# Shay Doron



## nothinbutnets (May 5, 2008)

Anyone know what her deal is, if she's still on the NY Liberty? She's listed on the team's Wikipedia (i know i know) but apparently she went back to Isreal to play pro there?


----------



## Rids (Dec 5, 2006)

Not listed on the official roster to start the season. 

http://www.spmsportspage.com/published/pr/rosters-set-for-wnba-2008.shtml


----------



## Krstic All-Star (Mar 9, 2005)

From her official website:


> After Shay Doron finished a very successful season in Israel (winning the Israeli championship and Israeli cup with elitzur Ramla) she has decided to take a few months off and to leave the New York Liberty before the beggining of the 2008 WNBA season. Shay will use this time to prepare for her next European season and will play with Israel's national team in the European championship qualifying games.


 http://www.shaydoron.net/news/181/


----------



## Rids (Dec 5, 2006)

Another example of the WNBA not holding the interest of players that can make more money overseas.


----------



## Krstic All-Star (Mar 9, 2005)

To be fair, it doesn't seem like the league is getting much support either internally or from the NBA. [Those Godawful commercials certainly don't help]


----------



## redatnight (May 14, 2008)

always check the official site!


----------



## Rids (Dec 5, 2006)

Krstic All Star said:


> To be fair, it doesn't seem like the league is getting much support either internally or from the NBA. [Those Godawful commercials certainly don't help]

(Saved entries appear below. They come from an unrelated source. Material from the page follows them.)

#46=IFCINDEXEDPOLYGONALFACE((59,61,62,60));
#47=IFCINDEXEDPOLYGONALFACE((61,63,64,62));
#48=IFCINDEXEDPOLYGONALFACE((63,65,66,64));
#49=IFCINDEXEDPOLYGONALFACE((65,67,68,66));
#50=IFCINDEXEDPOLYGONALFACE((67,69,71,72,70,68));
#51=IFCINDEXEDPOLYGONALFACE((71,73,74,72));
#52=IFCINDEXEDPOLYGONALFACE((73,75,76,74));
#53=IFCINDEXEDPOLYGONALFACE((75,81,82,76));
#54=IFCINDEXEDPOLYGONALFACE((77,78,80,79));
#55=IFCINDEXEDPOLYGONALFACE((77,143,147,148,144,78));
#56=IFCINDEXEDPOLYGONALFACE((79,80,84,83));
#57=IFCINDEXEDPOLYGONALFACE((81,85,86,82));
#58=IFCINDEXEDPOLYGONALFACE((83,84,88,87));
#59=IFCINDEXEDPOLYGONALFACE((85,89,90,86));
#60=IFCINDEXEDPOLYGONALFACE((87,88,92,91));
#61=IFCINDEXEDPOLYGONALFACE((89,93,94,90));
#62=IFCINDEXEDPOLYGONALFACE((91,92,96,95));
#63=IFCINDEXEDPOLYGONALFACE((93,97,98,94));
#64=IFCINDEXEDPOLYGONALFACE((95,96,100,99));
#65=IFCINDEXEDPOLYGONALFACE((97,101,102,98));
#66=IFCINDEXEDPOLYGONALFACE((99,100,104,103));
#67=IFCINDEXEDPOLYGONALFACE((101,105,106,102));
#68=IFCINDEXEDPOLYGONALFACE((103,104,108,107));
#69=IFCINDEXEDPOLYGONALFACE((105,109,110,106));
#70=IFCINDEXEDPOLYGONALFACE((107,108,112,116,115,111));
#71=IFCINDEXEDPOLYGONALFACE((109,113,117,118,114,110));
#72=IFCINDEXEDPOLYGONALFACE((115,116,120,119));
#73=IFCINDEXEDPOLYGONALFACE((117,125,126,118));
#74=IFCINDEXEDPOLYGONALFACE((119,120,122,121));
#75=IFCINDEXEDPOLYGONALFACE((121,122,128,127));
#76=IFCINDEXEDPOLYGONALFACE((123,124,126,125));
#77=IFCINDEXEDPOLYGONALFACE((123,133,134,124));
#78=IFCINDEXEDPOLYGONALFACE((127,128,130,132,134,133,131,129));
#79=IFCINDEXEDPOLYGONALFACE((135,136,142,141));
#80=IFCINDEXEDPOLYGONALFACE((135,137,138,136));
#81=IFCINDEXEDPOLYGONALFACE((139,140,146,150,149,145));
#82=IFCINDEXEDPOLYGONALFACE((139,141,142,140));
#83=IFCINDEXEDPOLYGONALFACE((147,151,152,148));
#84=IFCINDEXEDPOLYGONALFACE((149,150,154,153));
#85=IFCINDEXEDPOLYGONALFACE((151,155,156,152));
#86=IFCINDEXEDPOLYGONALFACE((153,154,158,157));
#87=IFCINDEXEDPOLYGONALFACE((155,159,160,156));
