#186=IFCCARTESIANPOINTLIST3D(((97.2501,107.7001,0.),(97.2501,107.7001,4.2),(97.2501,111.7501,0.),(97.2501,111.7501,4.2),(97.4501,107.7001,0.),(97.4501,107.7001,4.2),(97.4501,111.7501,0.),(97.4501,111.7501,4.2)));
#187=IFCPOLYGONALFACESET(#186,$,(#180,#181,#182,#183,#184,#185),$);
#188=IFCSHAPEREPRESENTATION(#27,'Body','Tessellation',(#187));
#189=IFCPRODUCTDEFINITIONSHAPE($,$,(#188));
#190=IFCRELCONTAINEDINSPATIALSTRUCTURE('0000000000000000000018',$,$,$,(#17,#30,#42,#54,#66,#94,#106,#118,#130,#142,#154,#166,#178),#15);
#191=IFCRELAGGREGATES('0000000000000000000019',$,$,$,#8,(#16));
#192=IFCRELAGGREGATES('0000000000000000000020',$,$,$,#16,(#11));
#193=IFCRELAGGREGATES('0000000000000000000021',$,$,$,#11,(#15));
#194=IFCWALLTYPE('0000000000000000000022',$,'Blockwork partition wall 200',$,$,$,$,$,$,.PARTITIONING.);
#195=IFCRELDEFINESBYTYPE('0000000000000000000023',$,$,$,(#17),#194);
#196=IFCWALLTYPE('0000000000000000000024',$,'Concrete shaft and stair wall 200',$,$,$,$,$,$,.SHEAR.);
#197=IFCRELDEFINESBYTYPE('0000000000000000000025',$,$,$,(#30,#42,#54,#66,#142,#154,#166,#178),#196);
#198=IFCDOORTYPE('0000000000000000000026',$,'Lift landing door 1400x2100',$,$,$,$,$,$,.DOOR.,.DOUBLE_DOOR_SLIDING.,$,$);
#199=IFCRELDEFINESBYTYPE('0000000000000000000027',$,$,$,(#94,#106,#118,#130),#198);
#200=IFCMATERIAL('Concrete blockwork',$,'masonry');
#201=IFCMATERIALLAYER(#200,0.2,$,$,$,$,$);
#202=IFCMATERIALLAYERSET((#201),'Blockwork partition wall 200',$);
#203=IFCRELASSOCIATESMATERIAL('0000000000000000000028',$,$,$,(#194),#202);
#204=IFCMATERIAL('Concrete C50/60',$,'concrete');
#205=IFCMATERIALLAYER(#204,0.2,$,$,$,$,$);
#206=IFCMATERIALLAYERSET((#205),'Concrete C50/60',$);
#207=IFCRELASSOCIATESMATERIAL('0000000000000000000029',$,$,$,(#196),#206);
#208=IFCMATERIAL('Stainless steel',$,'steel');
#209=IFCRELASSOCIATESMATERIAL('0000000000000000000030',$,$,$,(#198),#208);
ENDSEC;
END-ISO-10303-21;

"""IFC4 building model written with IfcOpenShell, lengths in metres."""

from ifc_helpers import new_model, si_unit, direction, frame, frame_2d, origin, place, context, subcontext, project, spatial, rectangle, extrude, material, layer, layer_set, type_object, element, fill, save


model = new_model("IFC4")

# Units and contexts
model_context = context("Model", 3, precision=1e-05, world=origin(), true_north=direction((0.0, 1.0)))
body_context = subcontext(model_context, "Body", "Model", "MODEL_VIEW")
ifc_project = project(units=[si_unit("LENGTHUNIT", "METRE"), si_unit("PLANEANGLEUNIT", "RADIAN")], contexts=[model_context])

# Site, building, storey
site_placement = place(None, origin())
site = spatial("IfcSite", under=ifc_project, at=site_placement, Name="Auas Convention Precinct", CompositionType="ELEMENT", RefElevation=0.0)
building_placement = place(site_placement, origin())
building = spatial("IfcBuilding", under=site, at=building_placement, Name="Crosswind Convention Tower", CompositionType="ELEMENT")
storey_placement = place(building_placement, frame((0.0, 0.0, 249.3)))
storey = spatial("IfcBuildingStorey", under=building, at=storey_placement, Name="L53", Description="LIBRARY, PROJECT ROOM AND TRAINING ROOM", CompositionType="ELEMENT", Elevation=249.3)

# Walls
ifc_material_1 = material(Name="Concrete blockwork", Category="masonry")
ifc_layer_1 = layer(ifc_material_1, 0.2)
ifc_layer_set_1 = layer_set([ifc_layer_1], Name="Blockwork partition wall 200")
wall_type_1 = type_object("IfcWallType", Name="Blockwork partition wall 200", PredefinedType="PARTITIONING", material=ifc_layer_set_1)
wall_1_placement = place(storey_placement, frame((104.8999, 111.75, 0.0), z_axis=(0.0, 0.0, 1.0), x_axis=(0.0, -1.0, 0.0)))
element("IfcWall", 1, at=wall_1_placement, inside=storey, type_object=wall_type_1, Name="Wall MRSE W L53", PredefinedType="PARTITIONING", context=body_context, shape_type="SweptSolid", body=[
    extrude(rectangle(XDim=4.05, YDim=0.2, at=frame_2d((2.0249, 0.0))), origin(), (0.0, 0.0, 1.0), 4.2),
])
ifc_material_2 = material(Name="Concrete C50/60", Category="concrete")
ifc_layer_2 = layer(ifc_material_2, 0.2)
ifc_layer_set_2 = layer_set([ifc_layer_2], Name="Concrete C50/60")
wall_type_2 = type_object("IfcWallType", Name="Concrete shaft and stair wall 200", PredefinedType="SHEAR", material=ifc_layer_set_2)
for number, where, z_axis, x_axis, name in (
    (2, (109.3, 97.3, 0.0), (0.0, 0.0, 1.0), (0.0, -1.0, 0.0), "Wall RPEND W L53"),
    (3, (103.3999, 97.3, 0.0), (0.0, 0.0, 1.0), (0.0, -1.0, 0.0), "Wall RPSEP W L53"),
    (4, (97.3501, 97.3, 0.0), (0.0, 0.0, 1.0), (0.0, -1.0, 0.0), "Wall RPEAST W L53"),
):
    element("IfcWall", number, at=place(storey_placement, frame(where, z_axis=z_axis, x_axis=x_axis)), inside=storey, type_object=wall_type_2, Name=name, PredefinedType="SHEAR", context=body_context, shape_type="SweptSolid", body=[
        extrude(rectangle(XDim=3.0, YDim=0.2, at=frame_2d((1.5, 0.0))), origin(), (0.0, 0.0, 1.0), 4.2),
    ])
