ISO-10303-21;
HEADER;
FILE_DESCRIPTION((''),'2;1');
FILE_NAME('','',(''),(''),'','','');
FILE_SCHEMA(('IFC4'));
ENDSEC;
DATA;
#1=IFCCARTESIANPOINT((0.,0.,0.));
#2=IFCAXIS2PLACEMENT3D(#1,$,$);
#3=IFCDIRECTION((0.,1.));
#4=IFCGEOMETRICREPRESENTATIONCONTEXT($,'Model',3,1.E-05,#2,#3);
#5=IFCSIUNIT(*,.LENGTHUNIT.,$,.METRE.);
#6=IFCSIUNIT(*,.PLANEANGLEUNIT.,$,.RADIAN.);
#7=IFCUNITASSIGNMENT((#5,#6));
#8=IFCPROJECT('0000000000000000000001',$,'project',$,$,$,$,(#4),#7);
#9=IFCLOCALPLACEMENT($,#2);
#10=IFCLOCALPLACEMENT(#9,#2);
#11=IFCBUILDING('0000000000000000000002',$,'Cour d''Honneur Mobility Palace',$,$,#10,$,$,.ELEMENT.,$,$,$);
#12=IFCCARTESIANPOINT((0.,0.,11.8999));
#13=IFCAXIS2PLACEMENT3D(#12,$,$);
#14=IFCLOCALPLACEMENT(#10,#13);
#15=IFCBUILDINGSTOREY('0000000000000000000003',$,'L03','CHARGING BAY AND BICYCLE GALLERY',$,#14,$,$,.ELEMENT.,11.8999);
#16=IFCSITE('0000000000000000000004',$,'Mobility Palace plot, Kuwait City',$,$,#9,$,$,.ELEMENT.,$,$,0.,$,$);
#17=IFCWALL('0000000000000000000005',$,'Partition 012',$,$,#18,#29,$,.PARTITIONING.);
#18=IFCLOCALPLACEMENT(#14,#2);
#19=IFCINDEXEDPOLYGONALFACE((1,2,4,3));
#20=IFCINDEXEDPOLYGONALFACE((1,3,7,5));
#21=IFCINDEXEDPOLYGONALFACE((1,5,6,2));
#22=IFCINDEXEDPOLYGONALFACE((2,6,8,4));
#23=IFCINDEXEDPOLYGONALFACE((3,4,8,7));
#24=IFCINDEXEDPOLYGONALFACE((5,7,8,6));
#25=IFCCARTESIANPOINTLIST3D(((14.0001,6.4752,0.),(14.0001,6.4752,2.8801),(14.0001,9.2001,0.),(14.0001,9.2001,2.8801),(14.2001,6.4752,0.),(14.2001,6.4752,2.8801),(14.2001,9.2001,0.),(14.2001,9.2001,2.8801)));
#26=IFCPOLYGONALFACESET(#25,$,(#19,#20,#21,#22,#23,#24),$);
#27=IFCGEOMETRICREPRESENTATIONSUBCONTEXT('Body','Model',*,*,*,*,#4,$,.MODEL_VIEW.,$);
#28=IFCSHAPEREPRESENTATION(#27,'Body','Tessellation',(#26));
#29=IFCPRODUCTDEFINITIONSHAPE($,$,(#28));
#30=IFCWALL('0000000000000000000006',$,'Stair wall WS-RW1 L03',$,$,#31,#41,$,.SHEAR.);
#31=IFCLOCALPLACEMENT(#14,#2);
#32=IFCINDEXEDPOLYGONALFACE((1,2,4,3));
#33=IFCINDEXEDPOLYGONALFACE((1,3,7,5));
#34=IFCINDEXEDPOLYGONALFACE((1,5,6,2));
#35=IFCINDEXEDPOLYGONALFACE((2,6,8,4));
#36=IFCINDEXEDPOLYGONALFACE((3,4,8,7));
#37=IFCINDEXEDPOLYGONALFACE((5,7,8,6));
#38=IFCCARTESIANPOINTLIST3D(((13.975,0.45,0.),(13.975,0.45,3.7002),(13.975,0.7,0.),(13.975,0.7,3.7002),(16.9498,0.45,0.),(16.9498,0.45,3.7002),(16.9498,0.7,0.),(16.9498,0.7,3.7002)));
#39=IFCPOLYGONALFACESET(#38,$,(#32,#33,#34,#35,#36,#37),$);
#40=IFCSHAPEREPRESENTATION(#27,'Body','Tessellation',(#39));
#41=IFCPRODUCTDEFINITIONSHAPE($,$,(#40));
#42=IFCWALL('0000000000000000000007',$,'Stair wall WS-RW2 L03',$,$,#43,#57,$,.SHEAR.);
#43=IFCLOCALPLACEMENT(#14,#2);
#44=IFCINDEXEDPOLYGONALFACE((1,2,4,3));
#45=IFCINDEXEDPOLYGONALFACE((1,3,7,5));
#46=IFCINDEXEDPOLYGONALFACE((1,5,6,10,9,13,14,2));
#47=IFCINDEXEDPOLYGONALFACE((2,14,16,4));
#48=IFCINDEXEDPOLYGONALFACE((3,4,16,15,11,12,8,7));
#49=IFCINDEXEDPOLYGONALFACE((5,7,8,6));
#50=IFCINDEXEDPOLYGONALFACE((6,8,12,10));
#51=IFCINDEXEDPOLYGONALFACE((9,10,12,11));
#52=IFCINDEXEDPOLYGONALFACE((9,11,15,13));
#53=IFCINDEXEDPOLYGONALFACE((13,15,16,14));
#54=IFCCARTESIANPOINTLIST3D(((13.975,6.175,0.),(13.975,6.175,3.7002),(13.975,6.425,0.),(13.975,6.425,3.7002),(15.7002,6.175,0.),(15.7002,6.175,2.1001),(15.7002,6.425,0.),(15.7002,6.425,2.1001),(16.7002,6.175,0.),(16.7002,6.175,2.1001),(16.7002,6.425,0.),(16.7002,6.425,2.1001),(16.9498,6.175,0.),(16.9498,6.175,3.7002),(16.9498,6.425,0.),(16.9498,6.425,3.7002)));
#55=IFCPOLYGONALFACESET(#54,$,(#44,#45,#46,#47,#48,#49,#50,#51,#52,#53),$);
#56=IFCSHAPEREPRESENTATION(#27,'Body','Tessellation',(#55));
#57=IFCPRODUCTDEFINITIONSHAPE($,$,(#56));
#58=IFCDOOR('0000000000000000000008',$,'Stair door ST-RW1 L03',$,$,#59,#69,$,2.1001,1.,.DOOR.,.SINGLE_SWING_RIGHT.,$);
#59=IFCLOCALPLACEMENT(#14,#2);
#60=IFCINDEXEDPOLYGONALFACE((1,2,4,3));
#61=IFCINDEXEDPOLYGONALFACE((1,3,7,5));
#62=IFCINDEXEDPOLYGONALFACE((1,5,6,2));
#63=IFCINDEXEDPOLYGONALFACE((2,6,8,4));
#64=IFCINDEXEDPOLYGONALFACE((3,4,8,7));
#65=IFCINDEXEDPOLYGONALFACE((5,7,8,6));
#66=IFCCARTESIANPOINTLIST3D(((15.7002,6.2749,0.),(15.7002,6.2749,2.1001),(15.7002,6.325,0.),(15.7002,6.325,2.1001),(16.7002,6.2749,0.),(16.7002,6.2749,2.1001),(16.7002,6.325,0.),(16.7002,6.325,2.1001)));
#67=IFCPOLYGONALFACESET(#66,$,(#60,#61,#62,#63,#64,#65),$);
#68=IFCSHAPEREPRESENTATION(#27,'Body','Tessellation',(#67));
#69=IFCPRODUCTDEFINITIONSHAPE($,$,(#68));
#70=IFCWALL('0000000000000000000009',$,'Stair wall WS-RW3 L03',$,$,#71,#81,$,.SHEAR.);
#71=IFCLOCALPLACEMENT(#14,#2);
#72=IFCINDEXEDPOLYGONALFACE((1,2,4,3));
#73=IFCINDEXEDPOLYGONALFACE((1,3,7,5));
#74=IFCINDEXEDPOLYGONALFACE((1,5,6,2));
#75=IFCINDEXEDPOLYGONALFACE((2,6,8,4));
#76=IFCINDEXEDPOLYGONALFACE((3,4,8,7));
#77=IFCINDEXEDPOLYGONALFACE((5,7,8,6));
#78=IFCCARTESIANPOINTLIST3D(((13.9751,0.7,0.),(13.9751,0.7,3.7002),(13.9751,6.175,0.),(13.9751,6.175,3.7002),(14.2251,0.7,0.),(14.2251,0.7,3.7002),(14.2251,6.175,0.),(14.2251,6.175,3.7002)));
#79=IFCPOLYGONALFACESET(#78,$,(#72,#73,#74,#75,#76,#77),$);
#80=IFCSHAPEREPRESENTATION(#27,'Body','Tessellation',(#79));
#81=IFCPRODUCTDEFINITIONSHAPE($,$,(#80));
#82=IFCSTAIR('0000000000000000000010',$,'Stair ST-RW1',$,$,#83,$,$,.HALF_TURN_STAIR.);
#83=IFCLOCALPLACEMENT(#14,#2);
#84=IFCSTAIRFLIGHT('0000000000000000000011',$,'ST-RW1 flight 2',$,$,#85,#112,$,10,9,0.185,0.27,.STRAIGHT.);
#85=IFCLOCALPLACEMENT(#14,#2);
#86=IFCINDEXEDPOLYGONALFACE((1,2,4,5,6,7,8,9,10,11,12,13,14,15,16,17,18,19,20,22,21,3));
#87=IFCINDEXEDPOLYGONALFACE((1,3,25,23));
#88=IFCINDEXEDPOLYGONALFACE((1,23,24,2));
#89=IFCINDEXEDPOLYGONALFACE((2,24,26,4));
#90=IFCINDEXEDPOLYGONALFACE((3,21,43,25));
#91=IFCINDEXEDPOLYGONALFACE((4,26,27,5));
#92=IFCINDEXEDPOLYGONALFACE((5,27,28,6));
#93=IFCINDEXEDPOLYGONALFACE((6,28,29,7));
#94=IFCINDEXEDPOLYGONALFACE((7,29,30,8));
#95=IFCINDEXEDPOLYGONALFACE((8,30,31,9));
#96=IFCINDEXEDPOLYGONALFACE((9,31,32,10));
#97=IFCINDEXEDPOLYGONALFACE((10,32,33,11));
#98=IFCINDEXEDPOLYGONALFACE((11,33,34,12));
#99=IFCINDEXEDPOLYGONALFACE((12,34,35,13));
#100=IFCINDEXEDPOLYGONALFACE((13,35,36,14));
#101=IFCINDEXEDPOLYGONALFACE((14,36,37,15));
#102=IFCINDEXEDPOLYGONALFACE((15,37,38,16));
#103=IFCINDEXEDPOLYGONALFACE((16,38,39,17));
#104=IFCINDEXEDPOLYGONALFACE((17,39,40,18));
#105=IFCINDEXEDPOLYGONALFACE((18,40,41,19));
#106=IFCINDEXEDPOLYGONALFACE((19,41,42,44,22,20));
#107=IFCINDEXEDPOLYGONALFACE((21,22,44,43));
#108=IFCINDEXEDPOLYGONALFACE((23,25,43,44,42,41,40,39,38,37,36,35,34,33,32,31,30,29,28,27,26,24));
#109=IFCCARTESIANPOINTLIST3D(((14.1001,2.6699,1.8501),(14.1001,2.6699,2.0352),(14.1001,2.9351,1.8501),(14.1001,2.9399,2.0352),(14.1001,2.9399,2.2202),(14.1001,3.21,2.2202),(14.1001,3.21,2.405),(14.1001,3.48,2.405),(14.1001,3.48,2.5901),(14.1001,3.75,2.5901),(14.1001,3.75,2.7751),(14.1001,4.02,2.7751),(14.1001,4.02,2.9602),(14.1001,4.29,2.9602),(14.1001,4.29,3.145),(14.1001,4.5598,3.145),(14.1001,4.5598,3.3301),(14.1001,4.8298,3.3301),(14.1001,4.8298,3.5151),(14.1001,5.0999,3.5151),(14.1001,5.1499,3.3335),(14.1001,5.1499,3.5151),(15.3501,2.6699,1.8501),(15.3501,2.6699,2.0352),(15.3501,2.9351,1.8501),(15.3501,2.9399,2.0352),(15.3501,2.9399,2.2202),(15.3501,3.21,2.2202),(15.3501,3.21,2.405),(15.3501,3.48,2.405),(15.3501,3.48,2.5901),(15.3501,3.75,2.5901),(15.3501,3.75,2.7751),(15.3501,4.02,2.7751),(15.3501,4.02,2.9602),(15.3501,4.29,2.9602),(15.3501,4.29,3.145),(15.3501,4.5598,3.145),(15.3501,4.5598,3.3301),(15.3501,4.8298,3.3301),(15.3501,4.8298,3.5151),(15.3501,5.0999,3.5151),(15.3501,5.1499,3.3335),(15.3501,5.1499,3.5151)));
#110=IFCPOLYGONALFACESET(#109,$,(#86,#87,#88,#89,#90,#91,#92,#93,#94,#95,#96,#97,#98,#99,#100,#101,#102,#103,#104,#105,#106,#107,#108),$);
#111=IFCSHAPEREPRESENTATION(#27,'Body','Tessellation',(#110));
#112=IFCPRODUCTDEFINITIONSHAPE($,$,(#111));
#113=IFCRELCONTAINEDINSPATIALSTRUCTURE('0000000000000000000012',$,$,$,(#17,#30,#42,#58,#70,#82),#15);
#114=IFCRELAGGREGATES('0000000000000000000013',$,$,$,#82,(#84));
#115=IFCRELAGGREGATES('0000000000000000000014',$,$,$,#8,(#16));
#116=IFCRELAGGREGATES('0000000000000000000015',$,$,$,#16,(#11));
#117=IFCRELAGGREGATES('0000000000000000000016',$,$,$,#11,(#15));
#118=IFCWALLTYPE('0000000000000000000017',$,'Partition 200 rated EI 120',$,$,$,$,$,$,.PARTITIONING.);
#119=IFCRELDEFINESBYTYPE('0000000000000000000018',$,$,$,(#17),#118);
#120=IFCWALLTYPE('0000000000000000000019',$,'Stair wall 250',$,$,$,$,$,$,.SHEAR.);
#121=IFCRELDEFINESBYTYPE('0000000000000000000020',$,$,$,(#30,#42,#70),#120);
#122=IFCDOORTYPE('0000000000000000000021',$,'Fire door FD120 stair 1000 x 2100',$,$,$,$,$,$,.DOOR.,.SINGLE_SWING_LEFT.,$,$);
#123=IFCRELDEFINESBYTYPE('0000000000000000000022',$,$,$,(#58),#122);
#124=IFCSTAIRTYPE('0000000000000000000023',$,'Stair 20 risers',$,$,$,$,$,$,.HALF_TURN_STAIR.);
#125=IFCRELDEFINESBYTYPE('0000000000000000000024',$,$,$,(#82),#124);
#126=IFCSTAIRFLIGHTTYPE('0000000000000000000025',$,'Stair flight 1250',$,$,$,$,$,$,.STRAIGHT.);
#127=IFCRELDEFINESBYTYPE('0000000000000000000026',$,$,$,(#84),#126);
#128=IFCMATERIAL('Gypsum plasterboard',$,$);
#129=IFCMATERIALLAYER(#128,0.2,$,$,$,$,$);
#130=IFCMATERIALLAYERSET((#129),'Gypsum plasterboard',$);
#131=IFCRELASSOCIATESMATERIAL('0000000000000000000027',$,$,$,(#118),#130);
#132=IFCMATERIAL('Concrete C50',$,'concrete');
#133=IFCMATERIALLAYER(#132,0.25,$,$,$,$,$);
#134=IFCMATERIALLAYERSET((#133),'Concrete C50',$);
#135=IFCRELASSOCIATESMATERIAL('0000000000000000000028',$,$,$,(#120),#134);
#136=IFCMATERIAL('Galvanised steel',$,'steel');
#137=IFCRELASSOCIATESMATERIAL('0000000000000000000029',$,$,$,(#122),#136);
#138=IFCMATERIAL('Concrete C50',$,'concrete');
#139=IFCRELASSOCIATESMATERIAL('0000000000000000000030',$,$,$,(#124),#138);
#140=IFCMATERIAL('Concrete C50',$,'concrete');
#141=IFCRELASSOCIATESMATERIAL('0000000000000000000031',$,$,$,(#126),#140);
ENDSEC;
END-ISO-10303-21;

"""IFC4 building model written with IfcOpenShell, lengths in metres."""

from ifc_helpers import new_model, si_unit, direction, frame, frame_2d, origin, place, context, subcontext, project, spatial, polyline, rectangle, outline, extrude, material, layer, layer_set, type_object, element, fill, aggregate, save


model = new_model("IFC4")

# Units and contexts
model_context = context("Model", 3, precision=1e-05, world=origin(), true_north=direction((0.0, 1.0)))
body_context = subcontext(model_context, "Body", "Model", "MODEL_VIEW")
ifc_project = project(units=[si_unit("LENGTHUNIT", "METRE"), si_unit("PLANEANGLEUNIT", "RADIAN")], contexts=[model_context])

# Site, building, storey
site_placement = place(None, origin())
site = spatial("IfcSite", under=ifc_project, at=site_placement, Name="Mobility Palace plot, Kuwait City", CompositionType="ELEMENT", RefElevation=0.0)
building_placement = place(site_placement, origin())
building = spatial("IfcBuilding", under=site, at=building_placement, Name="Cour d'Honneur Mobility Palace", CompositionType="ELEMENT")
storey_placement = place(building_placement, frame((0.0, 0.0, 11.8999)))
storey = spatial("IfcBuildingStorey", under=building, at=storey_placement, Name="L03", Description="CHARGING BAY AND BICYCLE GALLERY", CompositionType="ELEMENT", Elevation=11.8999)

# Walls
ifc_material_1 = material(Name="Gypsum plasterboard")
ifc_layer_1 = layer(ifc_material_1, 0.2)
ifc_layer_set_1 = layer_set([ifc_layer_1], Name="Gypsum plasterboard")
wall_type_1 = type_object("IfcWallType", Name="Partition 200 rated EI 120", PredefinedType="PARTITIONING", material=ifc_layer_set_1)
wall_1_placement = place(storey_placement, frame((14.1001, 9.2, 0.0), z_axis=(0.0, 0.0, 1.0), x_axis=(0.0, -1.0, 0.0)))
element("IfcWall", 1, at=wall_1_placement, inside=storey, type_object=wall_type_1, Name="Partition 012", PredefinedType="PARTITIONING", context=body_context, shape_type="SweptSolid", body=[
    extrude(rectangle(XDim=2.7249, YDim=0.2, at=frame_2d((1.3623, 0.0))), origin(), (0.0, 0.0, 1.0), 2.8801),
])
ifc_material_2 = material(Name="Concrete C50", Category="concrete")
ifc_layer_2 = layer(ifc_material_2, 0.25)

Those commercials aren't helping. Hopefully the games keep being the reason to watch.


----------



## Krstic All-Star (Mar 9, 2005)

^ I'm waiting for Parker/Fowles: The next level. That should do it.


----------



## Rids (Dec 5, 2006)

That will be a great match up. Fowles started slower than Parker but has really come on. Could push for the league lead in blocks.


----------



## Krstic All-Star (Mar 9, 2005)

Parker's been an assist machine though. There's no way she'll end up averaging seven per, but I could see something like five.


----------



## shadyview78 (May 15, 2008)

Such a bummer she went back to Israel! She was one of my favorites on the team. Liberty is still strong though and I'm gonna go see their game in July again Indiana. It's the first regular season outdoor game in pro history so that should be a little more than kinda cool to see. here's some info about the game: http://www.wnba.com/liberty/news/outdoor_classic_2008.html


----------



## Krstic All-Star (Mar 9, 2005)

Welcome to the site! I hope you'll share your experience at the outdoor game with us - it sounds like it'll be a lot of fun. I hope you have good seats.


----------



## njknickerbocker (May 27, 2008)

That Outdoor Classic sounds cool. Hopefully tickets won't be too bad, I'd check that out.


----------



## redatnight (May 14, 2008)

Yeah the outdoor game does look pretty cool.. Im considering getting tickets.. http://www.youtube.com/watch?v=yh_3IQ6aN3k


----------



## Krstic All-Star (Mar 9, 2005)

I can't be there, but I'll be watching it.


----------



## njknickerbocker (May 27, 2008)

I never ended up making it to the game which im pretty mad about because I heard how good it was! I hope they do another outdoors game like that..


----------